AL-WASHASH – The Jordanian military says the crackdown on drug smugglers along the Syrian border is paying off.
During a media tour along the Syrian border on Thursday, Colonel Mustafa al-Hiyari said the army had been forced to act in response to increased smuggling activities and violence. In January, an army officer was killed in a shootout with smugglers.
“The change in the rules of engagement is the result of a change in the nature of the threat. Therefore, the results were decisive,” he said.
The army claims to have killed around 30 smugglers, including 27 people in one day. Al-Hiyari, director of the army’s information directorate, also said large amounts of hashish and 16 million narcotic pills were seized.
He said that the Syrian authorities have pledged to cooperate, but that Jordan has achieved only limited results. He added that in some cases Syrian police had even cooperated with smugglers along the porous border.
“It didn’t bear fruit for long periods of time, which forced us to change the rules of engagement,” he said of Syrian aid pledges.
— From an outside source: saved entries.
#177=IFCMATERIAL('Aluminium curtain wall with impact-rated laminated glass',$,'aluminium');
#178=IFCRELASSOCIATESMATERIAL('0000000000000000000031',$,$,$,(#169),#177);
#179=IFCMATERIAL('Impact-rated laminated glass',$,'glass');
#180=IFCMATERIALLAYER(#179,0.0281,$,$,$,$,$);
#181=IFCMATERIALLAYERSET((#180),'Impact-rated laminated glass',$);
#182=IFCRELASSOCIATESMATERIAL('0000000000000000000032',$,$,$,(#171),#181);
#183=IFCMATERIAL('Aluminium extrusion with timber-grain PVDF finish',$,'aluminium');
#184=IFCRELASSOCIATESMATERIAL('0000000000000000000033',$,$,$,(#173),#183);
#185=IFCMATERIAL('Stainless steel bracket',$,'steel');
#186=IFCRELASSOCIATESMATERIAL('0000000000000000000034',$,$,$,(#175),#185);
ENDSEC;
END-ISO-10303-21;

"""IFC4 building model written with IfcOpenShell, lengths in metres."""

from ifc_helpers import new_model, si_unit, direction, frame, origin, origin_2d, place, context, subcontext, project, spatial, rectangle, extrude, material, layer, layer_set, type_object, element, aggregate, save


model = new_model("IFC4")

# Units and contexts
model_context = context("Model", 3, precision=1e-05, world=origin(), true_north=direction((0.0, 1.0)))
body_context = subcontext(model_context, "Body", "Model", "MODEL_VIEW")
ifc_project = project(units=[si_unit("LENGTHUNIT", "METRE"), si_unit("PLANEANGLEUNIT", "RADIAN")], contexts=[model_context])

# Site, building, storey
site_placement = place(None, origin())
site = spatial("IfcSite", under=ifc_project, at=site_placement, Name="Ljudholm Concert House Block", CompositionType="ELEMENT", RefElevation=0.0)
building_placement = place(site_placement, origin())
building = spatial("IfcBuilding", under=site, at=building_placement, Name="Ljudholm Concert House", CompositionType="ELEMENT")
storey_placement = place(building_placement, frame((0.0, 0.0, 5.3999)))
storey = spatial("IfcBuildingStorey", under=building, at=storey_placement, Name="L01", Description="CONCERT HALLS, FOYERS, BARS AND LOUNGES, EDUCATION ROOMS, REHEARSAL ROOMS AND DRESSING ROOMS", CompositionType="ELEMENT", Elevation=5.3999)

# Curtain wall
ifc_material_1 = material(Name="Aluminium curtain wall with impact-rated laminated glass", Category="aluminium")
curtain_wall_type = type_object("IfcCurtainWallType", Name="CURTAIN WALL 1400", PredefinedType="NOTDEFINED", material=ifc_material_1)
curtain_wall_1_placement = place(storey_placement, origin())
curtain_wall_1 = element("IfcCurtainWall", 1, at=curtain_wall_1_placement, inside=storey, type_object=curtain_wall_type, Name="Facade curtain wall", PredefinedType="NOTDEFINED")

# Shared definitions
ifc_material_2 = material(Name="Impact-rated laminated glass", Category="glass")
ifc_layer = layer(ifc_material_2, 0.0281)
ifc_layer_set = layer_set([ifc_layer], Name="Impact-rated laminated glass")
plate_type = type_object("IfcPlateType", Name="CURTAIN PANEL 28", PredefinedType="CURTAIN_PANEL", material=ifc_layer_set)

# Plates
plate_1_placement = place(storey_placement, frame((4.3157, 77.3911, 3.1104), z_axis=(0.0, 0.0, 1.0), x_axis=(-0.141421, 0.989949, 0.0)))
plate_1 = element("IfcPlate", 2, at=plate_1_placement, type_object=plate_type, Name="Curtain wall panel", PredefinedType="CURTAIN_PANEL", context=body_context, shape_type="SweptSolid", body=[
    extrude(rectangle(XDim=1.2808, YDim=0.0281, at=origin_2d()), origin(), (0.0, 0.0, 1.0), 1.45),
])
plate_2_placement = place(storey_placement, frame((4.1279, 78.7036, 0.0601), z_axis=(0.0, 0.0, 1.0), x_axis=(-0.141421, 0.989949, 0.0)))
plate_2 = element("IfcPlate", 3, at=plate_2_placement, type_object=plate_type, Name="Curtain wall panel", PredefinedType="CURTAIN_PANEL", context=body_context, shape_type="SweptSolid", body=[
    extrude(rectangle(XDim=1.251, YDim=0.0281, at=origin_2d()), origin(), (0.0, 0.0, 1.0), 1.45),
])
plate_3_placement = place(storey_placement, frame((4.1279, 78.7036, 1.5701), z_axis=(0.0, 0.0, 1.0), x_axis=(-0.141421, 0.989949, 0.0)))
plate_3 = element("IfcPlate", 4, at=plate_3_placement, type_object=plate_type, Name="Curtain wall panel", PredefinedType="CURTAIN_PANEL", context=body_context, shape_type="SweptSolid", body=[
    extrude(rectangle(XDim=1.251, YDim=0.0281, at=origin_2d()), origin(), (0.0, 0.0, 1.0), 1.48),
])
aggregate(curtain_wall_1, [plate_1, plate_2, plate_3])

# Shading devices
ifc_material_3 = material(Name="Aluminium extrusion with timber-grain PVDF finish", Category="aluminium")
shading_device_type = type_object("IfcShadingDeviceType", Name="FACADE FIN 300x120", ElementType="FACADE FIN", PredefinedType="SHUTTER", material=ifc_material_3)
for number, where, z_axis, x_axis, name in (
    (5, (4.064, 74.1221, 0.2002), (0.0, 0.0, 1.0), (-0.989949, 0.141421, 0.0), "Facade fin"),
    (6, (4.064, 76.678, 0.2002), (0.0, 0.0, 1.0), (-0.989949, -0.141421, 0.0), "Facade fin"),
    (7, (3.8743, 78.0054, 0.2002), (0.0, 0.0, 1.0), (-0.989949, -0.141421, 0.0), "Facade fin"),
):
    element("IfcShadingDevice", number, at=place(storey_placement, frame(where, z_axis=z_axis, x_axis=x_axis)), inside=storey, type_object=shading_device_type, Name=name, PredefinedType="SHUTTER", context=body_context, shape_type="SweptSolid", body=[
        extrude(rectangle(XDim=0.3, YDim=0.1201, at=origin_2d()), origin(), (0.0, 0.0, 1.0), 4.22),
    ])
As he spoke, soldiers stood by and army vehicles patrolled along the border. Al-Hiyari said the mission was also aimed at stopping the shipment of drugs out of Jordan and through the region.
An illegal drug industry has flourished in Syria after 10 years of civil war. In recent years, the Mediterranean Arab country has become a hotspot for the manufacture and sale of captagon, an illegal amphetamine. Syria and neighboring Lebanon have become gateways for drugs to the Middle East, particularly the Gulf.
In September, Syrian and Jordanian officials discussed border security after Syrian government forces captured rebel-held areas along the Jordanian border. A month later, King Abdullah II of Jordan spoke with Syrian President Bashar Assad for the first time in a decade after the two countries reopened a key border crossing.
Jordan shares a long porous border with its northern neighbor and is home to more than 650,000 Syrian refugees who fled the civil war.
On Monday, Abdullah visited the area, greeting army personnel and stressing the need to firmly combat infiltration and smuggling, the Royal Court said.
According to the Jordanian army, last year the army foiled around 361 infiltration or smuggling attempts and 48 smuggling operations.